Roughly half of the students who graduate from high school leave with an eighth-grade literacy level, said Marc Tucker, the center’s president.

“It’s not a case of having fallen from some earlier state of grace,” Tucker said. “We were never in that state of grace. For that reason, I think ‘recession’ is exactly the wrong metaphor”…

Meanwhile, the Bush campaign released a new television ad Tuesday that reiterates Bush’s mantra about the education recession. In the ad and on the stump, Bush has promised to reform the nation’s schools by pressing tough new accountability and discipline measures. He also is promoting an initiative to make sure all children can read by third grade.

For his part, Vice President Al Gore is promising universal preschool, more school construction and modernization, more teachers to reduce class sizes and new testing of teachers.

Despite the promises each candidate is making, serious questions remain over how much influence either one would have over education from the Oval Office. The president and the U.S. Department of Education play only limited roles in everything from textbooks to testing to teaching. Far greater powers rest with the nation’s governors–31 of whom are Republicans–and local school boards. Cities and states raise the lion’s share of money for schools through taxes.

“If you look at the broad sweep of educational performance trends and ask is this due to the federal government, I think the answer will be no in most cases,” said Dan Koretz, a senior research scientist at the Rand Corp. think tank in Washington. “Federal policy will have an influence. But I think it will be unlikely to see a sharp upturn or downturn in scores primarily because of federal policy alone.”
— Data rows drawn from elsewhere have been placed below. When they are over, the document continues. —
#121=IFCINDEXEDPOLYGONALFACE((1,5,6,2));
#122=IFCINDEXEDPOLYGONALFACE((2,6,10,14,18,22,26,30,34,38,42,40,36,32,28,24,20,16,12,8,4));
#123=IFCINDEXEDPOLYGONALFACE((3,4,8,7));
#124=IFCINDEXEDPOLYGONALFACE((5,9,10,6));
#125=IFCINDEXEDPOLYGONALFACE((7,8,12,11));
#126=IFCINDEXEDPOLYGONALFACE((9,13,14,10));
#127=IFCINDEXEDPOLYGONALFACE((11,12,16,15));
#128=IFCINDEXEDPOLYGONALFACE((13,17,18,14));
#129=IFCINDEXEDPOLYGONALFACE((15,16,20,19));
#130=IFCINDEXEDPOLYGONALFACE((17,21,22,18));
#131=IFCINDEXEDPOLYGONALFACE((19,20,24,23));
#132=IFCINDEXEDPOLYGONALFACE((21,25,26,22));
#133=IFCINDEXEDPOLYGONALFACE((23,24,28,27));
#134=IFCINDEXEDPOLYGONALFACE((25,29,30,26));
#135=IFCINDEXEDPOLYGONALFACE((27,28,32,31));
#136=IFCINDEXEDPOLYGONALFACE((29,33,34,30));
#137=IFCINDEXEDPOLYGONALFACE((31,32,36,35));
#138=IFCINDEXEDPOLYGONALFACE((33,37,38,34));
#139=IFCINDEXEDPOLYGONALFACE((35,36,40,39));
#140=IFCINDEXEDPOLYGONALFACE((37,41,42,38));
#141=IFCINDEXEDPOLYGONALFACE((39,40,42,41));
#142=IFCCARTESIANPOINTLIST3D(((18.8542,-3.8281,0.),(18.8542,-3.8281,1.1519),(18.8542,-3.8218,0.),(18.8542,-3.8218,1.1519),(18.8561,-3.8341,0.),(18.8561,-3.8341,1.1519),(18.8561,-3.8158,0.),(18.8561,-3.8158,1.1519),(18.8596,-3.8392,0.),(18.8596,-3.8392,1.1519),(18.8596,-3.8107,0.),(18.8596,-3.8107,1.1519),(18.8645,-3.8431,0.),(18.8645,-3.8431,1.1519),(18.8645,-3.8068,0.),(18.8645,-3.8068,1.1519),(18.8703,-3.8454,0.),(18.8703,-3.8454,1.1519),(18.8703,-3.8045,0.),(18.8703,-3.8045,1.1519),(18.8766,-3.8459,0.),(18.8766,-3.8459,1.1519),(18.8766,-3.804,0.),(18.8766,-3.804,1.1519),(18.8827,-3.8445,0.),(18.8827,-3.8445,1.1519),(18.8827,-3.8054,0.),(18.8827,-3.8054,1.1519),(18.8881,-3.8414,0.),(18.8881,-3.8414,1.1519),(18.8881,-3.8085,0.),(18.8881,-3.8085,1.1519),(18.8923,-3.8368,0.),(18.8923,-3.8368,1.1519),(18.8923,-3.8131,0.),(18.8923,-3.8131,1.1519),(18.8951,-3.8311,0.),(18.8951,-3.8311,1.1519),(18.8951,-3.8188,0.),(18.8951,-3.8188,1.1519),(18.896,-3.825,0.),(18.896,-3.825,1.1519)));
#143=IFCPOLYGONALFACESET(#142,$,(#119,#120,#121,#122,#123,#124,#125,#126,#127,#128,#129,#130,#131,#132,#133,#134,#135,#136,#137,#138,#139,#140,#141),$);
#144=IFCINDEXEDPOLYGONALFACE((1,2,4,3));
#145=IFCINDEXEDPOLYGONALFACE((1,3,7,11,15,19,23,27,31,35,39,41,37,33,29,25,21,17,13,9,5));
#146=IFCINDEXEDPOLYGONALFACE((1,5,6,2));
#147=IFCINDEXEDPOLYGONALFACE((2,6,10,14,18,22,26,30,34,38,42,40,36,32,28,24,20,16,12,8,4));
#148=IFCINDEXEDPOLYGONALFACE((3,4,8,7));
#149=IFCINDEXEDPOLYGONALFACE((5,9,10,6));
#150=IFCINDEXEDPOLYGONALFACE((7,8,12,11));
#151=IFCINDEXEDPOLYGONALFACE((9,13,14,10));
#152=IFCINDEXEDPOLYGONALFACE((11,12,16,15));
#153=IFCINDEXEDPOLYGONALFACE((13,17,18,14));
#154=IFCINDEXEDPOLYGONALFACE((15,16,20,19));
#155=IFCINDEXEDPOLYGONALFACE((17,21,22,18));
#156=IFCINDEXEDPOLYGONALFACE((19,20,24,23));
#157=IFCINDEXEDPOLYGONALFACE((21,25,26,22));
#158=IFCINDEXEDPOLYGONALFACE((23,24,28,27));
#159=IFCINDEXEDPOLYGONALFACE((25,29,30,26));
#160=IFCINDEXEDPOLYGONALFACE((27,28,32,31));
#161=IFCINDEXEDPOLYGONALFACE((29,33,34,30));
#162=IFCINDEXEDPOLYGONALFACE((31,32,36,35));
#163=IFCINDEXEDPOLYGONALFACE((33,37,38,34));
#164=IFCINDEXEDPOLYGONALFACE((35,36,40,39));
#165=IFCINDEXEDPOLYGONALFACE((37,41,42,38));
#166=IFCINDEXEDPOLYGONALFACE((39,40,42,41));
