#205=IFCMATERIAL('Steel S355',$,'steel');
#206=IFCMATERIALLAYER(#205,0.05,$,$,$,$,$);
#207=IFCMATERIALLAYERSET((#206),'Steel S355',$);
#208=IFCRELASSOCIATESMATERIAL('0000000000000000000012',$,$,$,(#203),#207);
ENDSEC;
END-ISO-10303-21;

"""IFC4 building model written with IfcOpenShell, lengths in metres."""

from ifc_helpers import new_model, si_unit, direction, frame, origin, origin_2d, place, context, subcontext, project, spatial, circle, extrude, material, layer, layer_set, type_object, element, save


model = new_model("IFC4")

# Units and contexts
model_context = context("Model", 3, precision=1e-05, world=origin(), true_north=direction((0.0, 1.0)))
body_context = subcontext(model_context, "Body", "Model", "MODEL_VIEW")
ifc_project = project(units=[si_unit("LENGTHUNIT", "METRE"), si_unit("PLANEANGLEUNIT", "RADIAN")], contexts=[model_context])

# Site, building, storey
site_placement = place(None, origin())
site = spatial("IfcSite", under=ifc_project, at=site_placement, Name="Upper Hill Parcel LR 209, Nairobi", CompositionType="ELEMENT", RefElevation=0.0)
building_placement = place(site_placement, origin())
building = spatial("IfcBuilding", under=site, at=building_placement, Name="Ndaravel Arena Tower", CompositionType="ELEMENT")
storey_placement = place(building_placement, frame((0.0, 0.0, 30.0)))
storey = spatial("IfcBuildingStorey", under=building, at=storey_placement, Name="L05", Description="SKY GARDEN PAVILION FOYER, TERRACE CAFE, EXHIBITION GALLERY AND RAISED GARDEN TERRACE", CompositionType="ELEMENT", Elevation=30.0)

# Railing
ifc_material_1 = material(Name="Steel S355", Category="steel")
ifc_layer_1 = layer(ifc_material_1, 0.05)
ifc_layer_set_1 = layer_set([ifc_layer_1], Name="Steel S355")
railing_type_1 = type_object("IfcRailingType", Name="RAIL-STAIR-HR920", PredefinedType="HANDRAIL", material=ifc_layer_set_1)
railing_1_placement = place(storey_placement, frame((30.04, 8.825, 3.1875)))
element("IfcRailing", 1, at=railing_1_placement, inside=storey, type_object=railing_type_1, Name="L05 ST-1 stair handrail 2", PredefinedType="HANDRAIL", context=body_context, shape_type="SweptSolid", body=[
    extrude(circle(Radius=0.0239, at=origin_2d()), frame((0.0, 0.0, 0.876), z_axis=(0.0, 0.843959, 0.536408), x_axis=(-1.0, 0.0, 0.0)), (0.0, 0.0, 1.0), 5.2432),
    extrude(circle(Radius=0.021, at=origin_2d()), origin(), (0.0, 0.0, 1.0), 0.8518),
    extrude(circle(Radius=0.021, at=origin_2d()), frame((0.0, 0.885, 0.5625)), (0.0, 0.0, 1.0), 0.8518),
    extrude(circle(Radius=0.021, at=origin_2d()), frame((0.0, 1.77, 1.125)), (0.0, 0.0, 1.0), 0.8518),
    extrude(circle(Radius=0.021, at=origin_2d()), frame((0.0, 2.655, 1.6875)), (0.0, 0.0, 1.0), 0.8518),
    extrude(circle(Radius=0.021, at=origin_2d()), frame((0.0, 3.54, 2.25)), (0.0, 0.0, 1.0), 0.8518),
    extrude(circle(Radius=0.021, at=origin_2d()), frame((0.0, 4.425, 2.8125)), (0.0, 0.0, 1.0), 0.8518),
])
Virtually every state has launched initiatives over the last decade to reform education through new academic standards, tests and accountability measures. Most of that activity has occurred over the last five years.

Now, 49 states have standards for what students need to know in the core academic subjects, and 48 states test their students. More than half the states, including California, are developing high school exit exams.

“Rather than backing away from higher standards and accountability, it’s just gaining momentum across the states,” said Jennifer Vranek, director of benchmarking and state services for Achieve Inc., a consortium of state officials and business leaders who work for higher academic standards nationally. “We’re seeing more and more activity, not less.”

Those efforts have been prompted by poor showings on national and international tests–and the federal government’s own recognition over the last two decades that American students do not measure up to their counterparts around the world. In 1983, a Reagan administration report titled “A Nation at Risk” detailed the failures of the nation’s education system.

Texas is among the states that have been at the forefront of the reform movement–a fact that Bush has touted in his campaign for the White House. Texas is among the most effective states in helping students at all income levels learn, according to a recent national study. But that same study, by the Rand Corp., said more resources–not necessarily the tough accountability measures pushed by Bush–make the biggest difference.